2018-01-11 recipes 0.1.2

General Changes:

  • Edwin Thoen suggested adding validation checks for certain data characteristics. This fed into the existing notion of expanding recipes beyond steps (see the non-step steps project). A new set of operations, called checks, can now be used. These should throw an informative error when the check conditions are not met and return the existing data otherwise.

  • Steps now have a skip option that will not apply preprocessing when bake is used. See the article on skipping steps for more information.

New Operations:

  • check_missing will validate that none of the specified variables contain missing data.

  • detect_step can be used to check if a recipe contains a particular preprocessing operation.

  • step_num2factor can be used to convert numeric data (especially integers) to factors.

  • step_novel adds a new factor level to nominal variables that will be used when new data contain a level that did not exist when the recipe was prepared.

  • step_profile can be used to generate design matrix grids for prediction profile plots of additive models where one variable is varied over a grid and all of the others are fixed at a single value.

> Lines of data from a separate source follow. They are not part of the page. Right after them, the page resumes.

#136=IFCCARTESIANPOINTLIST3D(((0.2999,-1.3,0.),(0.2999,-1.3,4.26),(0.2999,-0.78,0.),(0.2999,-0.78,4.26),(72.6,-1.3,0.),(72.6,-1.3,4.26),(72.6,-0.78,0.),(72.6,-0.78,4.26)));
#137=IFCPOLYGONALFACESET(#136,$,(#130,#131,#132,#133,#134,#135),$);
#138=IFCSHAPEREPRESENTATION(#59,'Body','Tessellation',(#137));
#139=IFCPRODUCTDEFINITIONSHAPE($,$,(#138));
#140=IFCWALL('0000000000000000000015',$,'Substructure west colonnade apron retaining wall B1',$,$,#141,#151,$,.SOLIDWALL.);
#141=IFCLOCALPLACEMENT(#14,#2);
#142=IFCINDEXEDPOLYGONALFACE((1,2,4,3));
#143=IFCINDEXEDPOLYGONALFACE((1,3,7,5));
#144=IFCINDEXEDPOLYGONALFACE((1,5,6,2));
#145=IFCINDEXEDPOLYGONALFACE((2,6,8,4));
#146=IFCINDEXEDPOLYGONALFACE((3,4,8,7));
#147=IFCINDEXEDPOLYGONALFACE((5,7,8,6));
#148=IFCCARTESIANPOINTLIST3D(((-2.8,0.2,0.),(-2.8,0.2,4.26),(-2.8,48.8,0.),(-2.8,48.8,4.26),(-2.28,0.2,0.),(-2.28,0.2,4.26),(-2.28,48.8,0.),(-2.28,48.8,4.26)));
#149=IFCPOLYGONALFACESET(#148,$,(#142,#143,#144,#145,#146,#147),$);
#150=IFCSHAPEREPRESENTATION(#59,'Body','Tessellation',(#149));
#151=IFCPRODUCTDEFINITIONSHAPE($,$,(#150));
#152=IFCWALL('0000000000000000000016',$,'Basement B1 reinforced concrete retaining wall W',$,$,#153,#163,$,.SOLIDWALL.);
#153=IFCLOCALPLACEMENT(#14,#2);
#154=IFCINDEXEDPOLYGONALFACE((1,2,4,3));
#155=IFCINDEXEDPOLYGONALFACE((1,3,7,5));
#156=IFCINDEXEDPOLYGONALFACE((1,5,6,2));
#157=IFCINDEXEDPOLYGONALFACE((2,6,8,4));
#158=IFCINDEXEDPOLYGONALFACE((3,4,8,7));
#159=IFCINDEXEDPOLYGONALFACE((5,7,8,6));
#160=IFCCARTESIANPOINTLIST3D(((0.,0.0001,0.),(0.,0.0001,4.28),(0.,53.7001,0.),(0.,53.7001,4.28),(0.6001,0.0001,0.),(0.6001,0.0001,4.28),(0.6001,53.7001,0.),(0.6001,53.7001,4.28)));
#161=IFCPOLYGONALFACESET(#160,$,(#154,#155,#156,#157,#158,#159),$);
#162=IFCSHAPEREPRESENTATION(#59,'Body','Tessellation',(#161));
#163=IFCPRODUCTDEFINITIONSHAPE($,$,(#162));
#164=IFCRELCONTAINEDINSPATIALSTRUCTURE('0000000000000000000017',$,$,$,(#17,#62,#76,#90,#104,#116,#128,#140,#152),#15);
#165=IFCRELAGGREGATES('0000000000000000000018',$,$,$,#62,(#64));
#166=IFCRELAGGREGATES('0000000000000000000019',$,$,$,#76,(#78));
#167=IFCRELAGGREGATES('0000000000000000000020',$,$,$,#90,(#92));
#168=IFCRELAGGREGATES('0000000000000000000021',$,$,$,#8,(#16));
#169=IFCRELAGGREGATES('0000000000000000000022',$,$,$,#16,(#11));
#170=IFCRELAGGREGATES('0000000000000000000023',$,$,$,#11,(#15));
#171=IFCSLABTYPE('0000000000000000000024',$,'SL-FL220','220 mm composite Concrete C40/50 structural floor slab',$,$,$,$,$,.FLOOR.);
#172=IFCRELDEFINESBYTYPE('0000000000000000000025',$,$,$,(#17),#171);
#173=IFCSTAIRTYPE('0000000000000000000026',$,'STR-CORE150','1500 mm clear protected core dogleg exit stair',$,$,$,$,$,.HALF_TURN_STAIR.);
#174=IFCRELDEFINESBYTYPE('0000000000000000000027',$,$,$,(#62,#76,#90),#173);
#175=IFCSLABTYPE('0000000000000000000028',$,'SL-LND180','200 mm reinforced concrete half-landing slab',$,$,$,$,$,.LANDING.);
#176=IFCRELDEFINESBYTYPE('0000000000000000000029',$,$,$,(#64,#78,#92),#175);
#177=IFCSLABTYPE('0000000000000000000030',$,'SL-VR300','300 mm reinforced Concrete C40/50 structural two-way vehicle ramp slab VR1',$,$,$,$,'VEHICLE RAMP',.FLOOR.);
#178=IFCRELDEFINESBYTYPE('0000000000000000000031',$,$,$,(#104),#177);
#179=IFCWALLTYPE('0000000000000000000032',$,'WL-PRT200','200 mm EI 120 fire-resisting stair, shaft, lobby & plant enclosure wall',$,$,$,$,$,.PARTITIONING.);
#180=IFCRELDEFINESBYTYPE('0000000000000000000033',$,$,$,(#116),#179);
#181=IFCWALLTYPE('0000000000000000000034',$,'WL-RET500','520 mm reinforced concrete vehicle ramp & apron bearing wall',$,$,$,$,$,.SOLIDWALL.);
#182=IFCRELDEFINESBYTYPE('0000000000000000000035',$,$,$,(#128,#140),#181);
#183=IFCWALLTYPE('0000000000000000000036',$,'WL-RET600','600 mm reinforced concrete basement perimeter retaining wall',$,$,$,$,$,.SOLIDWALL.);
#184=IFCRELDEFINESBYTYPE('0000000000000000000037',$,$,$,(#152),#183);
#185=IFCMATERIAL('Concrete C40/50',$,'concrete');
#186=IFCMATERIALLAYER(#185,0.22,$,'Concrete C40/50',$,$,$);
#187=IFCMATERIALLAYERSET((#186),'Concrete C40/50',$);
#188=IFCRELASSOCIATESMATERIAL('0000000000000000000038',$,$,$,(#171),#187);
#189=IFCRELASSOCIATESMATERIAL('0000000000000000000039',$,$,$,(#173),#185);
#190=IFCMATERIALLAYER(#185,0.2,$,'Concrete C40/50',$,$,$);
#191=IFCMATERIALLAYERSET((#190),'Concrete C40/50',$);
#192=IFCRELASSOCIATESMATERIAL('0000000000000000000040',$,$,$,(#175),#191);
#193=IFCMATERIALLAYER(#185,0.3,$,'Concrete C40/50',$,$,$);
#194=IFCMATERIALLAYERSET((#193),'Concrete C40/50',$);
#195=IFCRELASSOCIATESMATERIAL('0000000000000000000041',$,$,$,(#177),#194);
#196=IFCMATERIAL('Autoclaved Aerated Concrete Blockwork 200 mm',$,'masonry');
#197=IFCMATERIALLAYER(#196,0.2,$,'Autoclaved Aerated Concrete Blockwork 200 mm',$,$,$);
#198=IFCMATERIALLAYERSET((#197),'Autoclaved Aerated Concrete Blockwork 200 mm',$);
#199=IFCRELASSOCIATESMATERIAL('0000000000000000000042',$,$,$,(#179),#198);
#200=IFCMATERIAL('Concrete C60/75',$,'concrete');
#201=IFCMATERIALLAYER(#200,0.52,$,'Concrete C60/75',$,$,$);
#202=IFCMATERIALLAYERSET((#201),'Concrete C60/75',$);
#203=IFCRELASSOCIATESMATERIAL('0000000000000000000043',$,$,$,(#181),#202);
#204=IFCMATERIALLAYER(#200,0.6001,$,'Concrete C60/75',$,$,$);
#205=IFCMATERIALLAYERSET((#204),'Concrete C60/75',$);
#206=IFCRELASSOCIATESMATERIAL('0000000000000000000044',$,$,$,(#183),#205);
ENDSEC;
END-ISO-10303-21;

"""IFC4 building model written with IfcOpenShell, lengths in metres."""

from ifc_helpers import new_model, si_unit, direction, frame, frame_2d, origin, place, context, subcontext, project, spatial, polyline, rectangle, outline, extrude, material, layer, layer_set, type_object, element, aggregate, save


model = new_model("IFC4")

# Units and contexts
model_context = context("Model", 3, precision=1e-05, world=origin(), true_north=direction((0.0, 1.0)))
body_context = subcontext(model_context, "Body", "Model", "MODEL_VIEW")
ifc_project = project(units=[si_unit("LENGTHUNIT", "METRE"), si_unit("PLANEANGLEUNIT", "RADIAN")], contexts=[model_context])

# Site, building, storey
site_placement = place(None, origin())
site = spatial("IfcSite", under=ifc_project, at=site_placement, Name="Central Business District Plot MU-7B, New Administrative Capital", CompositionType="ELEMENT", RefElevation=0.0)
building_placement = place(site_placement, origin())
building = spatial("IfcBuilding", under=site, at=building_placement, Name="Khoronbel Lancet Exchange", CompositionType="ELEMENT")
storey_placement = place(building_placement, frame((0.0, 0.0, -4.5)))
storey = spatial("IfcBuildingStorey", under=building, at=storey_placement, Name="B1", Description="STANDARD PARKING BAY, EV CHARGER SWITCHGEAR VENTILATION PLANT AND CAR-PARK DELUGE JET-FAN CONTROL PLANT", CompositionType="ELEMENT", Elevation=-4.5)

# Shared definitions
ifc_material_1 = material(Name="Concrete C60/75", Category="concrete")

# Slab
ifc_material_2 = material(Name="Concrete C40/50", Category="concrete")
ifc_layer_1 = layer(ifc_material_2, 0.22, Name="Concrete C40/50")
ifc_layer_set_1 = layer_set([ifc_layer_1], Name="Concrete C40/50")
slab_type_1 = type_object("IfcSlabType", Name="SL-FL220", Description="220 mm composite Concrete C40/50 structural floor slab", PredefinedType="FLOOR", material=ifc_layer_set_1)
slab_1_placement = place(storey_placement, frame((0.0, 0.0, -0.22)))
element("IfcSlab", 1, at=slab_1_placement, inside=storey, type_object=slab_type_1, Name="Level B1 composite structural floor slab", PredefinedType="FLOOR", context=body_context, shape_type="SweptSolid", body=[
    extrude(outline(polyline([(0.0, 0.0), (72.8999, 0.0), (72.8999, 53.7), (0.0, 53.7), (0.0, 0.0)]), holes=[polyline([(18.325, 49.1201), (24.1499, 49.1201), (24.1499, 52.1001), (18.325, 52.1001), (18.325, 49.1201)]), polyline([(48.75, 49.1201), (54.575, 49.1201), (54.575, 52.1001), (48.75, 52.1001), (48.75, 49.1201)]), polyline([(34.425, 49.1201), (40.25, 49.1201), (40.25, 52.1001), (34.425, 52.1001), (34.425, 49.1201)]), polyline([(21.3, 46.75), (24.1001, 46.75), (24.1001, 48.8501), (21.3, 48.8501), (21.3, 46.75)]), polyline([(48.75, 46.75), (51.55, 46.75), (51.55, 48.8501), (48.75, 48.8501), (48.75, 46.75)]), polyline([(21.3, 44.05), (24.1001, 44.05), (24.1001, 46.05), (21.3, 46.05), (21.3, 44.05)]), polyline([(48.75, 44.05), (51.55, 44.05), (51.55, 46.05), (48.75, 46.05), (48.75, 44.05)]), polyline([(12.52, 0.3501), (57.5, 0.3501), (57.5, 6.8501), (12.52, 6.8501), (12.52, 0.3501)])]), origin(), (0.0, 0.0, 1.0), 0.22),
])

  • step_downsample and step_upsample can be used to change the number of rows in the data based on the frequency distributions of a factor variable in the training set. By default, this operation is only applied to the training set; bake ignores this operation.

  • step_naomit drops rows when specified columns contain NA, similar to tidyr::drop_na.

  • step_lag allows for the creation of lagged predictor columns.

Other Changes:

  • step_spatialsign now has the option of removing missing data prior to computing the norm.

2017-11-20 recipes 0.1.1

  • The default selectors for bake was changed from all_predictors() to everything().
  • The verbose option for prep is now defaulted to FALSE
  • A bug in step_dummy was fixed that makes sure that the correct binary variables are generated despite the levels or values of the incoming factor. Also, step_dummy now requires factor inputs.
  • step_dummy also has a new default naming function that works better for factors. However, there is an extra argument (ordinal) now to the functions that can be passed to step_dummy.
  • step_interact now allows for selectors (e.g. all_predictors() or starts_with("prefix") to be used in the interaction formula.
  • step_YeoJohnson gained an na.rm option.
  • dplyr::one_of was added to the list of selectors.
  • step_bs adds B-spline basis functions.
  • step_unorder converts ordered factors to unordered factors.
  • step_count counts the number of instances that a pattern exists in a string.
  • step_string2factor and step_factor2string can be used to move between encodings.
  • step_lowerimpute is for numeric data where the values cannot be measured below a specific value. For these cases, random uniform values are used for the truncated values.
  • A step to remove simple zero-variance variables was added (step_zv).
  • A series of tidy methods were added for recipes and many (but not all) steps.
  • In bake.recipe, the argument newdata is now without a default.
  • bake and juice can now save the final processed data set in sparse format. Note that, as the steps are processed, a non-sparse data frame is used to store the results.
  • A formula method was added for recipes to get a formula with the outcome(s) and predictors based on the trained recipe.

2017-07-27 recipes 0.1.0

First CRAN release.

Unreleased recipes 0.0.1.9003

  • Two of the main functions changed names. learn has become prepare and process has become bake

Unreleased recipes 0.0.1.9002

New steps:

  • step_lincomb removes variables involved in linear combinations to resolve them.
  • A step for converting binary variables to factors (step_bin2factor)
  • step_regex applies a regular expression to a character or factor vector to create dummy variables.

Other changes:

  • step_dummy and step_interact do a better job of respecting missing values in the data set.

Unreleased recipes 0.0.1.9001

  • The class system for recipe objects was changed so that pipes can be used to create the recipe with a formula.
  • process.recipe lost the role argument in factor of a general set of selectors. If no selector is used, all the predictors are returned.
  • Two steps for simple imputation using the mean or mode were added.